The accuracy of the Quadratic Discriminant Analysis model is evaluated using the accuracy_score function.

**Testing the models**

In [None]:
def predict_sentiment(user_review):
    # Preprocess the user input
    processed_review = preprocess_review(user_review)
    processed_review = ' '.join(processed_review)

    # Transform the processed review using the same TF-IDF vectorizer
    user_input = tfidf_vectorizer.transform([processed_review])

    # Predict sentiment using the trained model
    # UNCOMMENT THE MODEL THAT YOU WANT TO USE
    # prediction = knn_classifier.predict(user_input)
    prediction = logistic_regression.predict(user_input)
    # prediction = decision_tree.predict(user_input)
    # prediction = random_forest.predict(user_input)
    # prediction = gaussian_nb.predict(user_input.toarray())
    # prediction = qda_classifier.predict(user_input.toarray())


    # Map the prediction to a sentiment label
    sentiment = 'positive' if prediction[0] == 1 else 'negative'

    return sentiment

This function, predict_sentiment, takes a user's movie review as input.
The input review is preprocessed using the preprocess_review function, converting it into a format suitable for the model.

The processed review is then transformed using the same TF-IDF vectorizer (tfidf_vectorizer) that was used during the training phase.

The user's input is converted into a TF-IDF representation (user_input) suitable for prediction.

The sentiment of the review is predicted using the logistic regression model (logistic_regression). The commented-out lines represent other models that could be used, and you can uncomment the line of the model you want to use.

The predicted sentiment is then mapped to a human-readable label ('positive' or 'negative') based on the model's prediction.

The function returns the predicted sentiment.

In [None]:
# Take user input for a review
user_review = input("Enter your movie review: ")

# Predict sentiment for the user input
result = predict_sentiment(user_review)
print(f"The model predicts this review as: {result}")

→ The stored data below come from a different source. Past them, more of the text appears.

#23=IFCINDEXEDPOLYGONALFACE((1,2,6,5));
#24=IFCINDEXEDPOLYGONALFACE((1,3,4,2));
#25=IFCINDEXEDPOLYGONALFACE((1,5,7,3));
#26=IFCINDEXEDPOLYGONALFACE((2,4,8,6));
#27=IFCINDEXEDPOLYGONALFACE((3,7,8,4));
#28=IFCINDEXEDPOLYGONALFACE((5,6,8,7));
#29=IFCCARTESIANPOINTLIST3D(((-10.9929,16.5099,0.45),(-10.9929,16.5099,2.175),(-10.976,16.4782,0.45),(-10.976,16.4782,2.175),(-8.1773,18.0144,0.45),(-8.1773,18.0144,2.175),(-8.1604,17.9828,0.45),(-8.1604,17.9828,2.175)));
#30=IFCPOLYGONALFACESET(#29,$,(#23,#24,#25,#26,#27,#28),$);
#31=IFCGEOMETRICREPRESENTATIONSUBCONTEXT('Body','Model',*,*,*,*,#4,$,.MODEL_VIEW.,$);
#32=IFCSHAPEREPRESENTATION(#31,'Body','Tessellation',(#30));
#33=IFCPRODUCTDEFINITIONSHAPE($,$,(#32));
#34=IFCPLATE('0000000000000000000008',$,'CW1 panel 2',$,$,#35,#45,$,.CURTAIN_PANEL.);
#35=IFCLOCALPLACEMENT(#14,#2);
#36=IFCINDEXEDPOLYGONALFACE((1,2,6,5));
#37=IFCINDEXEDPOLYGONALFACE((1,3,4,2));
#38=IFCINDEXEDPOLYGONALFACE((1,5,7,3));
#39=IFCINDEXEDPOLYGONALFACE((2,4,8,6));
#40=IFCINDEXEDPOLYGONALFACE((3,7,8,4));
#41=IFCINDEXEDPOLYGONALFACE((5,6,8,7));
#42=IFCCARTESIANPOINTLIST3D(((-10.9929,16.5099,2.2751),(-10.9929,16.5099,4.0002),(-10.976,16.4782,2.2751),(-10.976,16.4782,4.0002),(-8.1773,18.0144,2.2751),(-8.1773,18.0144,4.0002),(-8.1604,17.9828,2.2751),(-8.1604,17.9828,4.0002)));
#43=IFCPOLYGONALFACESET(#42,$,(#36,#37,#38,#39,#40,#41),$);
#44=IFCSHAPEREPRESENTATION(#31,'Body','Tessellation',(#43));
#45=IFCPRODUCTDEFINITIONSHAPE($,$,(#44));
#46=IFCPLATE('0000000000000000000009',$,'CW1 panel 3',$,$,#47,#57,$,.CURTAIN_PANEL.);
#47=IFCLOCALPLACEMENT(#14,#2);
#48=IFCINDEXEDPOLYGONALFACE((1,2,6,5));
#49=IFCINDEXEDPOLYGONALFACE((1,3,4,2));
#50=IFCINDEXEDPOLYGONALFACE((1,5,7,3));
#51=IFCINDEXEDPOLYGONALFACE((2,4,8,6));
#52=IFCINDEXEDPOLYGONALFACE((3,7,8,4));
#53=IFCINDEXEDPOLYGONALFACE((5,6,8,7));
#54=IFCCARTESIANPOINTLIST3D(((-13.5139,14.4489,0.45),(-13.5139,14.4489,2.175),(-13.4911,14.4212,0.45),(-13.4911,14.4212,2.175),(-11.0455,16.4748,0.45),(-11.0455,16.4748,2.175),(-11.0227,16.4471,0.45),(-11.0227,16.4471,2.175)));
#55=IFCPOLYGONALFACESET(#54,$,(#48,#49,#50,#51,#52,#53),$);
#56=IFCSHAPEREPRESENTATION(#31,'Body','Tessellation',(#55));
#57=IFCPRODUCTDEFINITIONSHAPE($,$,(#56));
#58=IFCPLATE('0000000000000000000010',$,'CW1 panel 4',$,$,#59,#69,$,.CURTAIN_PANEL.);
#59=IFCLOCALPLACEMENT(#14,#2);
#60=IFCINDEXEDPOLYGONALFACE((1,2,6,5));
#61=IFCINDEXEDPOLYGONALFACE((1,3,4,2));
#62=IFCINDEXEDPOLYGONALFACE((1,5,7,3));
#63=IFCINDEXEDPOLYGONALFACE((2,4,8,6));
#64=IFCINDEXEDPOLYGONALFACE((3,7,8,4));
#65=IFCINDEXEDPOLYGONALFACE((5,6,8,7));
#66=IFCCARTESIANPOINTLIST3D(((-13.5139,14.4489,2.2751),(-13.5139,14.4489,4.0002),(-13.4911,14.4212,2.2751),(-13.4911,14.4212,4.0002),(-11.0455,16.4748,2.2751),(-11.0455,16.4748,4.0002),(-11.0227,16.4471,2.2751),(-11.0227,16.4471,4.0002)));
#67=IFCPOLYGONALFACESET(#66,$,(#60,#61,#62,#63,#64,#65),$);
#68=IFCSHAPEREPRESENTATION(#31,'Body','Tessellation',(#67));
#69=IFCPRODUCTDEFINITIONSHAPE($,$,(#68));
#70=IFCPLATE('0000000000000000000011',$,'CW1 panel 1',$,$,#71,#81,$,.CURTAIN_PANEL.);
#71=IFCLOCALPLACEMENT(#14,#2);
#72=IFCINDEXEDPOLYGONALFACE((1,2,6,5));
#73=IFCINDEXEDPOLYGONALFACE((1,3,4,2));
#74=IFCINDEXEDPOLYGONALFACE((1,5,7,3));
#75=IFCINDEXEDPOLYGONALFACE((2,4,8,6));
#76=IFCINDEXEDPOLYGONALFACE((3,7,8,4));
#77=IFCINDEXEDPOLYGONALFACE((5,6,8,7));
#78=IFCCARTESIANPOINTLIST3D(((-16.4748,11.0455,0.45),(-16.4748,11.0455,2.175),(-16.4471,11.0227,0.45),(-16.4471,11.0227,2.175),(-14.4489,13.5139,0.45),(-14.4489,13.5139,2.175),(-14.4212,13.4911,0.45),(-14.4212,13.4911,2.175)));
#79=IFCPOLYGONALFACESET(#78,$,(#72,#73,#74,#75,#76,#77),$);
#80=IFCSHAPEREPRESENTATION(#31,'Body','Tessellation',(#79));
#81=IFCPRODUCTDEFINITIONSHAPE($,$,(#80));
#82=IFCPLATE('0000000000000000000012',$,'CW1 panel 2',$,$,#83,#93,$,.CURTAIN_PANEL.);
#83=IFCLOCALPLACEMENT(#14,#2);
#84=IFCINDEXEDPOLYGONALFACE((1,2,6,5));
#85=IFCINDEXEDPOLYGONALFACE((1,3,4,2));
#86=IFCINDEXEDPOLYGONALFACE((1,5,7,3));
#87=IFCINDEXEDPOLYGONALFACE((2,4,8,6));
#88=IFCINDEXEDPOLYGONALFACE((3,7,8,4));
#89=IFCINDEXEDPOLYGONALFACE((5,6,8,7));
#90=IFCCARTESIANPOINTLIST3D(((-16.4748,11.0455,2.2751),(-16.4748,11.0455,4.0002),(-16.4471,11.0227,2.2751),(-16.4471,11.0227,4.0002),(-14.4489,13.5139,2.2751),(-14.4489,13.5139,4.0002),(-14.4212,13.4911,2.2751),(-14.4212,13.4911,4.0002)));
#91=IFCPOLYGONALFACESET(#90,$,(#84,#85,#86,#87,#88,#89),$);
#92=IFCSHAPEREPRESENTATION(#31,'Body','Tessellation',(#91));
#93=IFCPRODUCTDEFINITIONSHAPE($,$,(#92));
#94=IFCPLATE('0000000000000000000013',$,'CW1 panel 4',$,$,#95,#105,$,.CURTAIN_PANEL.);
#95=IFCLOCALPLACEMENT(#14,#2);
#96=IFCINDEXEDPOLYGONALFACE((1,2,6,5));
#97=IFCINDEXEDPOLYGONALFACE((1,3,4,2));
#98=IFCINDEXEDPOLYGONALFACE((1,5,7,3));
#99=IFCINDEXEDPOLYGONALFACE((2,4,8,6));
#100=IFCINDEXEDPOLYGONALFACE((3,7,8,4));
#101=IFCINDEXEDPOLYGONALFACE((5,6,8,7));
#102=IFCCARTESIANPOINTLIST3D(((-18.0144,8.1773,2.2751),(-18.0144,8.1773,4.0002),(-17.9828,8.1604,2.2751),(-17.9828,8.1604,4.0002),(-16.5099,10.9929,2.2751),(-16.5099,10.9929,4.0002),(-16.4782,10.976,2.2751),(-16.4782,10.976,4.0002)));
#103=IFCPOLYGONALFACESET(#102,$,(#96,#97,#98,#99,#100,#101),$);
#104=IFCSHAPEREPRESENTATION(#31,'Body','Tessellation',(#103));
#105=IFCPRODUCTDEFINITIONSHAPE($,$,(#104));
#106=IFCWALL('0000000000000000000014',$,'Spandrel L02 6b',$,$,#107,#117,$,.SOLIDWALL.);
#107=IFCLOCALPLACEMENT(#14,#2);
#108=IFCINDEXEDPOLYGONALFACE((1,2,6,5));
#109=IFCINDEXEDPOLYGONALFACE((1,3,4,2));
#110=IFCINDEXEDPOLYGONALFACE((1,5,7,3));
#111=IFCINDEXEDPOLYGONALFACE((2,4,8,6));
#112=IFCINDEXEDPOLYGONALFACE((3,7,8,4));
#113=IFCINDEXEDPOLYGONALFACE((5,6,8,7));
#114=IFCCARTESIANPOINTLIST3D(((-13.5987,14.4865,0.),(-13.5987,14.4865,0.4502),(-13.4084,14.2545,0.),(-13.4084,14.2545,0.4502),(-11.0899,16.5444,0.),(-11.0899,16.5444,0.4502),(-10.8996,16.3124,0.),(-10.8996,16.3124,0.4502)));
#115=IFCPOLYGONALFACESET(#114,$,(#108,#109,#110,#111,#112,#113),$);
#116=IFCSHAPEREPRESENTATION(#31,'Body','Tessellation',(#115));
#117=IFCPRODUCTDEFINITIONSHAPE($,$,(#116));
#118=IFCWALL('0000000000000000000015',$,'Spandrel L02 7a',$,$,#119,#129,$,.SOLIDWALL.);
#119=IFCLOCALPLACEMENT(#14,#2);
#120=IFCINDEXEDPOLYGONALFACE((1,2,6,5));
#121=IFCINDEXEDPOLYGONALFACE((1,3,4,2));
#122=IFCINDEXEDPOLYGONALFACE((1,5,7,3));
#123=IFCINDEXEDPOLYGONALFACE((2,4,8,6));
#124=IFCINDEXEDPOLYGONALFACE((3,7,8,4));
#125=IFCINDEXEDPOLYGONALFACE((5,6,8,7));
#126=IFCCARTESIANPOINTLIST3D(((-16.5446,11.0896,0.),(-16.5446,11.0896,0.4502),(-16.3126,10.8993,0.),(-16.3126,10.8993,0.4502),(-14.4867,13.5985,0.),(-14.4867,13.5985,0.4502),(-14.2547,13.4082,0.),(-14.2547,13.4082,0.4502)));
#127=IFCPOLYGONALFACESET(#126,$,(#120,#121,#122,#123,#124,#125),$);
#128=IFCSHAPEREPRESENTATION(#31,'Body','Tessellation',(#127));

Enter your movie review: This movie is so bad
The model predicts this review as: negative


The code takes user input for a movie review using the input function.

The predict_sentiment function is then called with the user's input, and the result is stored in the variable result.

Finally, the predicted sentiment is printed to the console.

**Conclusion: Logistic Regression as the Optimal Model**

Among the range of classification models evaluated for sentiment analysis on movie reviews, Logistic Regression emerged as the most effective. With an accuracy of 0.88, Logistic Regression outperformed other models, showcasing its superior predictive capability for distinguishing between positive and negative sentiments in movie reviews.